An FBS team invariably beats an FCS team on the scoreboard, but that’s the only place where the bigger school wins. If it thrashes Elon 70-0, as Georgia Tech did last season, a guy like me is bound to write, “So what? It was only Elon.” But if Tech leads Wofford by five points with nine minutes remaining, as happened Saturday, the same guy is going to write: “This isn’t very impressive.”

So let’s get it out of the way.

Tech wasn’t very impressive.

Yes, the Jackets won. Yes, they managed 508 yards, 282 of those via the forward pass. No, they never quite seemed in trouble, not in those 52 first-half seconds when they trailed 9-7 and not when their lead was reduced to 24-19. To be blunt, this wasn’t Middle Tennessee redux.

Only Middle Tennessee was an FBS team when it upset Tech in 2012. Wofford is FCS, which means it gives fewer scholarships and is staffed by players the bigger schools didn’t want. But there the Terriers were, within a fourth-quarter touchdown of making national news. The Jackets were clearly the superior side, but that superiority wasn’t reflected by the scoreboard until the end.

This wasn’t a case of a lesser team scoring two consolation touchdowns against the reserves. It was Tech that scored the final two touchdowns. Through 51 1/2 minutes, the Jackets’ biggest lead was 12 points. They were tested in a way that FBS teams rarely are against FCS opposition.

To its credit, Tech passed the test. It won 38-19. But we can’t say the Jackets aced anything. Only in the final two minutes did they put the Terriers to rest, and what does that augur for those Saturdays when they’re facing teams that give the same number of scholarships?

Maybe nothing. Maybe this was, as Tech coach Paul Johnson suggested, a combination of first-game nerves from his men, the new starting quarterback Justin Thomas chief among them, and an opponent that favors a style not unlike Tech’s. “They’re hard to play against,” Johnson said. “It was like looking right back at us. It was a game of few possessions … You couldn’t pull away.”

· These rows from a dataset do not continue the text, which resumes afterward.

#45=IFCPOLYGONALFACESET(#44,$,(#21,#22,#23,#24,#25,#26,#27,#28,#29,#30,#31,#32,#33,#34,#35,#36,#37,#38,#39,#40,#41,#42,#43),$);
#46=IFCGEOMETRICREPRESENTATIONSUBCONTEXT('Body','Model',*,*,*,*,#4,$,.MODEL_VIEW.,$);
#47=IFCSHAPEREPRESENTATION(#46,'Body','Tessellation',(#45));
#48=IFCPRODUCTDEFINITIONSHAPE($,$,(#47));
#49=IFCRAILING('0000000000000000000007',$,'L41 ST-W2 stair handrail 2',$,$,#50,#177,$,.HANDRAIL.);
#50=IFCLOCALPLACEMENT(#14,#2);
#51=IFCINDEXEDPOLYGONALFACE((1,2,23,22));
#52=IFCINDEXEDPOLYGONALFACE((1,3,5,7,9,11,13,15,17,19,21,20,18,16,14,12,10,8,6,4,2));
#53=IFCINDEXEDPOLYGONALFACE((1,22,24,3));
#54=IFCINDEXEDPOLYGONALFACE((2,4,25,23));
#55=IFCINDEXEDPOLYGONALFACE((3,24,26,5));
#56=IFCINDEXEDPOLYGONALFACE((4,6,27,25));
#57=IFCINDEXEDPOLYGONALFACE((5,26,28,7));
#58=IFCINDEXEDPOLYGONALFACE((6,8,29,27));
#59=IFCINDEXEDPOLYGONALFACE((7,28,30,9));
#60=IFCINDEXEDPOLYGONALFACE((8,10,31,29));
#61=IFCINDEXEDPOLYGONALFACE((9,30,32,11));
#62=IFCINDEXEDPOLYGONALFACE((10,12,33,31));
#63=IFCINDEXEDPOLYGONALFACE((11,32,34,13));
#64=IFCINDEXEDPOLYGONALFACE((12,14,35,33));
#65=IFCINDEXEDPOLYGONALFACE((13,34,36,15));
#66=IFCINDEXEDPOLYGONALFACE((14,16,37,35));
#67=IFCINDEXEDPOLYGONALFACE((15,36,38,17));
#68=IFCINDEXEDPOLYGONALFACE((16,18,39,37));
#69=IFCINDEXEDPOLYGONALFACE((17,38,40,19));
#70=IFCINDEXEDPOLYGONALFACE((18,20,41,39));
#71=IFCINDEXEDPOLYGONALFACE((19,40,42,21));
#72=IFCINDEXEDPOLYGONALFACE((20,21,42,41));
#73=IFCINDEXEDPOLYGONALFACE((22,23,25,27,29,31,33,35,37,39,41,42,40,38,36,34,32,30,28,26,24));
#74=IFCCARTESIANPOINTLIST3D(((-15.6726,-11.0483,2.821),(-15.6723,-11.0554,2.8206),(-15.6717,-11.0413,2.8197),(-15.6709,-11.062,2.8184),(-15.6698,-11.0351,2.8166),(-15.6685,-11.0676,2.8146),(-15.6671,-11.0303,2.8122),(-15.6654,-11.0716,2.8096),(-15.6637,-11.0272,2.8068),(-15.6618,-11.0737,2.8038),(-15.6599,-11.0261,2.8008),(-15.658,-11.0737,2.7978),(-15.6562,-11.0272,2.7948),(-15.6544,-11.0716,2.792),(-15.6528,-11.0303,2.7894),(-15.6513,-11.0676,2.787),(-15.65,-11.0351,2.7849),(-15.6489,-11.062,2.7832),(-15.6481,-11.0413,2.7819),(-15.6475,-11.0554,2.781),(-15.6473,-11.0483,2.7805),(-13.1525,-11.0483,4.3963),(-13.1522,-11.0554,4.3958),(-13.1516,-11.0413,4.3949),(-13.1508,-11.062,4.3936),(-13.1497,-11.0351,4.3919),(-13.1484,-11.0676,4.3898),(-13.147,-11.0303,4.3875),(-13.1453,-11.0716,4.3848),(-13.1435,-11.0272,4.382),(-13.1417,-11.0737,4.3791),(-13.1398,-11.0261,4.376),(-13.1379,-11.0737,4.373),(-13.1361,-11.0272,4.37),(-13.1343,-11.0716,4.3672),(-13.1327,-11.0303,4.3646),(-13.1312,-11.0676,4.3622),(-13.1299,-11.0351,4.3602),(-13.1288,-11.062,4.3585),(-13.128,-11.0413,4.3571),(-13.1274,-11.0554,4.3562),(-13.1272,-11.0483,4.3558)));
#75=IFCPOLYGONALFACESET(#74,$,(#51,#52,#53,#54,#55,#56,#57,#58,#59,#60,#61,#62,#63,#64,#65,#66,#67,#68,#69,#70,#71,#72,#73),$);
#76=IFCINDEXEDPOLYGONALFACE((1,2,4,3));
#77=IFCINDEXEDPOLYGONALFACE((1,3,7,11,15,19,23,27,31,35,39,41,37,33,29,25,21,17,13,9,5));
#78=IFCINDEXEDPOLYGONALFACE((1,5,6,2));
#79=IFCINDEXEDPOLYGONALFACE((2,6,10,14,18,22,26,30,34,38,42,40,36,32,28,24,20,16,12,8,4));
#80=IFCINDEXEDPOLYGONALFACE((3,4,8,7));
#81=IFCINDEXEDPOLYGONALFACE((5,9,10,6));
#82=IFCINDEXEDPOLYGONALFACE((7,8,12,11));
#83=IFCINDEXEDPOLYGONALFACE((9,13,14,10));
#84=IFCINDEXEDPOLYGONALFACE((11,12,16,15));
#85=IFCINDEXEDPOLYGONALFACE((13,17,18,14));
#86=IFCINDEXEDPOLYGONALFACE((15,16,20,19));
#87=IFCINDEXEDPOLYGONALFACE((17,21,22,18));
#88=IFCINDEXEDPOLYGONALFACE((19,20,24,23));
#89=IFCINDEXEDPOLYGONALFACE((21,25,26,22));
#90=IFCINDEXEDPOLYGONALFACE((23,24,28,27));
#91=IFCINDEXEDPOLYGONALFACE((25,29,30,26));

Wofford runs the wishbone, the older cousin of Johnson’s spread option. The Terriers outrushed Tech 271 yards to 226 and held the ball for nearly three more minutes. Defensively they dared the Jackets to throw. Thomas completed 11 of 15 passes — 8 of 8 in the second half — for 282 yards, so in that respect you’d have to say he had a splendid debut as a starter. Then again …

Thomas’ receivers were working against smaller and slower defenders who were cheating against the run. It would have been hard for the Jackets not to throw well. And isn’t this the year that Johnson vowed that the option will again be run to his liking?

Tech’s biggest running play was technically a pass. With nine minutes left, Thomas ran right and shoveled the ball forward to A-back Broderick Snoddy, who fled 65 yards to bring the Jackets within sight of the clinching touchdown. Until then, the standard option plays had yielded substandard results.

Meanwhile, Tech’s defense could never get a handle on Wofford. Think about that for a moment. While you’re thinking, return with us to the final minute of the first half, when the Terriers were facing third-and-8 at their 8 and were just trying to bleed the clock before punting. “Everyone in the stadium knew they were going to run the ball,” Johnson said. “Except for us, I guess.”

Tech’s front seven all managed to get blocked — by Wofford Terriers. Safety Isaiah Johnson overran the play. Ray Smith trundled 92 ridiculous yards to the go-ahead touchdown.

A bit earlier, we noted that the Jackets were the superior side. This is not, however, to say they were in any way dominant. They made no turnovers but induced no turnovers. An FBS program that has graced 17 consecutive bowls had to buckle down and out-execute an FCS opponent coming off a 5-6 season.

“We’ve got to make a huge improvement from Game 1 to Game 2,” Johnson said. Having seen the effort it took for Tech to distance itself from Wofford, we’re forced to ask: How much improvement is possible?